We're not limited to what comes naturally to a computer, or what comes naturally to our brains.

Abstraction is key. The right abstractions make our code easy to read and faster to write and maintain. Don't limit abstractions to the ones that fit the computer. Don't limit them to objects that model business entities. This is why learning math is useful, and it's why functional programming is useful: the more abstractions we know how to hold in our head -- abstractions with no analog in either the real world or the computer world -- the more tools we have for solving problems.

Wednesday, August 8, 2012

A third way

Programming is about translating what a human wants into instructions a computer can understand.

Or is it?

Thinking down this path, there are two ends of a programming language spectrum. A language can be close to the computer's perspective: imperative languages that declare data, move and store data, carry out instructions in a fixed order. At the other end, spoken languages aren't specific enough to convey instructions to a computer.
But there's more to this concept than one dimension! The key is: speak not to the human, nor to the computer, but to the problem we're solving. The appropriate abstractions, and therefore elegance and simplicity and productivity, lie in the language of the problem.

Some problems are well-suited to an imperative language, some to an object-oriented one. Others to neither. The key is to fit the language to the problem, not the programmer and not the computer. Every problem has its conceptual sweet spot.

Aim for a declarative style: state the solution rather than a series of instructions.

For instance, functional languages speak not in instruction sets, not in English, but in calculations. People naturally think in a more imperative manner, and computers operate with defined instructions and changing the contents of memory. But when we're calculating an output from some input, a functional language is more effective at stating the solution than either computer or human language.

Why do we care about this problem space? "Calculations" include more than math.

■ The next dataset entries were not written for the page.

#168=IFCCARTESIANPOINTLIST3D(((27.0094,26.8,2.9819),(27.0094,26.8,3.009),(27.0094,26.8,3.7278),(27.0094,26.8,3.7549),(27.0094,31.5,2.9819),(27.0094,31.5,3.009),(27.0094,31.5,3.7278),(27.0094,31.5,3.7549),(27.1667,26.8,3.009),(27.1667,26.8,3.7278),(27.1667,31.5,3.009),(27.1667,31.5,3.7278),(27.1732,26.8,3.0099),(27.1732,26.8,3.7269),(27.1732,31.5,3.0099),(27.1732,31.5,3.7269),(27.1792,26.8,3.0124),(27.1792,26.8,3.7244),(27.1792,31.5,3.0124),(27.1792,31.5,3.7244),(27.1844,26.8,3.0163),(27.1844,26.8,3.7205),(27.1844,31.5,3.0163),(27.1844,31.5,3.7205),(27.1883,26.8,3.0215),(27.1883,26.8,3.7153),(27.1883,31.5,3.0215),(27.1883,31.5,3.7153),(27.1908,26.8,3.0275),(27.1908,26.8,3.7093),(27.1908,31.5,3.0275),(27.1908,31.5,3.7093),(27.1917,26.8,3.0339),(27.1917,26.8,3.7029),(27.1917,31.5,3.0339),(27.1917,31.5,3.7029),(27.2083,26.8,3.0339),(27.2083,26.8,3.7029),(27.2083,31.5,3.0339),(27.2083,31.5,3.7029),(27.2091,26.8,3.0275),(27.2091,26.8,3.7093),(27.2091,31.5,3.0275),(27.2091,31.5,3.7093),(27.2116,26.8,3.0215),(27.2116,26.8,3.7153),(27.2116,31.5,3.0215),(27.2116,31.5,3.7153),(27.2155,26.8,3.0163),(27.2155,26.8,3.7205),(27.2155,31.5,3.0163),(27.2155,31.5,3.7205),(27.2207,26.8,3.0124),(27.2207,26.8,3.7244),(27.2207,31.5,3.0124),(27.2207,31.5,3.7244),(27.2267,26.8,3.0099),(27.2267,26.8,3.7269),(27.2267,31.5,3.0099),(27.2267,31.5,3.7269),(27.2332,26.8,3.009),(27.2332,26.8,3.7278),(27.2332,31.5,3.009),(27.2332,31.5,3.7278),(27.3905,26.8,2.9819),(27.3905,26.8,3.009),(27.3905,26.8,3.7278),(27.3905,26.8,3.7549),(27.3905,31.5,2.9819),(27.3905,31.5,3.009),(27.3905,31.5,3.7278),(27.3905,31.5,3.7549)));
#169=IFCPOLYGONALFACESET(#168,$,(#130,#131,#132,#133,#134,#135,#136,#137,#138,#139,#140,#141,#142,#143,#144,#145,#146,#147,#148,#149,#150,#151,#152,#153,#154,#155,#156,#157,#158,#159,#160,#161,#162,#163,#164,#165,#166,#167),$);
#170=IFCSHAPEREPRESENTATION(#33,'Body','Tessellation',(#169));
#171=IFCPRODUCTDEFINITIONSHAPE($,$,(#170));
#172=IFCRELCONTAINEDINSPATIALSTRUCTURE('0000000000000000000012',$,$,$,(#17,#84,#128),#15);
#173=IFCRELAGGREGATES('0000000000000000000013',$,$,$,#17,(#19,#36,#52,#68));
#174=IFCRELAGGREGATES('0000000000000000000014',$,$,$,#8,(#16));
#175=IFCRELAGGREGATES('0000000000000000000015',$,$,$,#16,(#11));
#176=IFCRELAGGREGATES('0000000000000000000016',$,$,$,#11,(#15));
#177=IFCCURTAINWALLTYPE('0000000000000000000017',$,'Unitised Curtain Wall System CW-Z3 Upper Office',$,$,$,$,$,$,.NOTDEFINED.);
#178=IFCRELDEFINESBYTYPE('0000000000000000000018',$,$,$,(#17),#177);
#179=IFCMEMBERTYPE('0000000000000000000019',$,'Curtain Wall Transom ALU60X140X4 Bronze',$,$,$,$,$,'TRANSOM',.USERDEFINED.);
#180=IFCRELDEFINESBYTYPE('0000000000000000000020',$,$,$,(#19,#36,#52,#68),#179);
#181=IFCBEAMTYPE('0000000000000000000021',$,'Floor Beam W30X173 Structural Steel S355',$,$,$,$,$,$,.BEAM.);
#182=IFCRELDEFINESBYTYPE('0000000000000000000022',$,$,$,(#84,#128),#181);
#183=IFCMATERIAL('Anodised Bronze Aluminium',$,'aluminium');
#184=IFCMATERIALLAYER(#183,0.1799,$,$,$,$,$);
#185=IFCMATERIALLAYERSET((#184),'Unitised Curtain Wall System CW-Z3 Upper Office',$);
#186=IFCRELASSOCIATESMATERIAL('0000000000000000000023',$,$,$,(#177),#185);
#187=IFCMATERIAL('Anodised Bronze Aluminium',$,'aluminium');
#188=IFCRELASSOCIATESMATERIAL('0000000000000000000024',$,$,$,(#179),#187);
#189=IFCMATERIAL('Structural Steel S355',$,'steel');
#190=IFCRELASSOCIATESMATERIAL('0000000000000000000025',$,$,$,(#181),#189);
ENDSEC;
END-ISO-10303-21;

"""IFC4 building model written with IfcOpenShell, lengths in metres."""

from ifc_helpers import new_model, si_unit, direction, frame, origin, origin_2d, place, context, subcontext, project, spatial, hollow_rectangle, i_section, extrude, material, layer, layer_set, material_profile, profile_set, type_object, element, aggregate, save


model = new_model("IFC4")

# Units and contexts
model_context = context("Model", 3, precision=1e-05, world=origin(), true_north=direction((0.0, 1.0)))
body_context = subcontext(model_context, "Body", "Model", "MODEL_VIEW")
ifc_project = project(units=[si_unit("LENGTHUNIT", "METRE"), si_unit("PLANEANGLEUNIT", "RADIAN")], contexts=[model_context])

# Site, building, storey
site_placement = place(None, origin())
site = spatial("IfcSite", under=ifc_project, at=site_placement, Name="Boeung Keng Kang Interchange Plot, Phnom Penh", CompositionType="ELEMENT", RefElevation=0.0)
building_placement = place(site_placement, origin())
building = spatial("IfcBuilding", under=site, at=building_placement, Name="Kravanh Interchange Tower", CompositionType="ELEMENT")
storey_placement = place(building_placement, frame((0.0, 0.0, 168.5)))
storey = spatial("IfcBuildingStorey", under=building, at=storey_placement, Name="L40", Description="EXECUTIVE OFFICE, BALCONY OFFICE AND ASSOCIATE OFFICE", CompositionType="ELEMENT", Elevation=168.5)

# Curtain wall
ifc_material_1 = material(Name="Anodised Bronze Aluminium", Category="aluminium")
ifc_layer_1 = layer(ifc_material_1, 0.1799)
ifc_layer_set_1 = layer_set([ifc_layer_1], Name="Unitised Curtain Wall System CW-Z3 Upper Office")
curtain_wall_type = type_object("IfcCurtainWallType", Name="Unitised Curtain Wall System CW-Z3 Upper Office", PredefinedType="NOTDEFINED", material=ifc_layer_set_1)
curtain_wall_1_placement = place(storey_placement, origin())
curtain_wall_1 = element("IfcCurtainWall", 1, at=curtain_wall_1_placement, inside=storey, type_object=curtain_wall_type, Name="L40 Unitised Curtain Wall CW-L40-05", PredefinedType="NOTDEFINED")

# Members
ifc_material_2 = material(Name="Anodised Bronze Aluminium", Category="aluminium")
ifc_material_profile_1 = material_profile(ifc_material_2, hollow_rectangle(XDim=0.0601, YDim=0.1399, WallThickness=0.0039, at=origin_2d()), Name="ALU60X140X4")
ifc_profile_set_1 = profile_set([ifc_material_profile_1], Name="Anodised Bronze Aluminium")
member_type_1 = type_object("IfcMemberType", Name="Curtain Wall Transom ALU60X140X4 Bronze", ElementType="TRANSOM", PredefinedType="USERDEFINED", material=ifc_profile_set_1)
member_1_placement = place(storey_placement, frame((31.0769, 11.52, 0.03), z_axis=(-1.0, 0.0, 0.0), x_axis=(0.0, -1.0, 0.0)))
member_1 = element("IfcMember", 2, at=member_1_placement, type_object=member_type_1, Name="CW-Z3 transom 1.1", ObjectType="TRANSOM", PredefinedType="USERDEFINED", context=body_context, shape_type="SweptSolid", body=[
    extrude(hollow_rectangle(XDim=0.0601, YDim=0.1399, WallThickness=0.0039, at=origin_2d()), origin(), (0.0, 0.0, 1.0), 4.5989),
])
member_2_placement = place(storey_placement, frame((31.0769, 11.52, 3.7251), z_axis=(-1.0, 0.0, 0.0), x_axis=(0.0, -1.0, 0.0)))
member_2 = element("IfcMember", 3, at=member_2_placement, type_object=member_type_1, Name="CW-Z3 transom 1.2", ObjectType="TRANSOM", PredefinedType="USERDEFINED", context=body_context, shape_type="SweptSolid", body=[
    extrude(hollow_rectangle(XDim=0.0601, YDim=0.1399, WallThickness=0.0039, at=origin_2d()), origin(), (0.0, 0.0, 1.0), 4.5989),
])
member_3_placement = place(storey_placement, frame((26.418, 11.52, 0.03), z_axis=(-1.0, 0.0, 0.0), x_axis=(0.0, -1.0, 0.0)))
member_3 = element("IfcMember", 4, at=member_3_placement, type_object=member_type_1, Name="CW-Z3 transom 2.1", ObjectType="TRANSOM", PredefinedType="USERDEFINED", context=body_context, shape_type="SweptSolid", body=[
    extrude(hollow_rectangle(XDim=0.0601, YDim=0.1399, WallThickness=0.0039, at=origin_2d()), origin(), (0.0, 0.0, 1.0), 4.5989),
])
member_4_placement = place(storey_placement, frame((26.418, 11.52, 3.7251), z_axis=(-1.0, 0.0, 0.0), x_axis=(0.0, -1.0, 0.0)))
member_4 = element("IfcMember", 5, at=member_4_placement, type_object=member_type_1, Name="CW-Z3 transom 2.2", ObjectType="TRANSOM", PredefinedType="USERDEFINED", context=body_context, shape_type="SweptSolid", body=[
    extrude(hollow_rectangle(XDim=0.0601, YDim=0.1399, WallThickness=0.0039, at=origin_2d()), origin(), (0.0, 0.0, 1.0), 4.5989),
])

Any translation fits: reporting from a database; taking a URL plus request parameters and outputting HTML. This sweet spot is relevant to all web programming and a big chunk of business software.

Coding in a third language space means we need translations in two places. The computer must be taught to understand instructions in this different form. That's the job of a compiler. The human must learn to write code in a shape unfamiliar to his or her brain. That's our job as developers.

Don't think like a computer. Think about the problem you're solving. Think and write in its language, not yours and not the hardware's.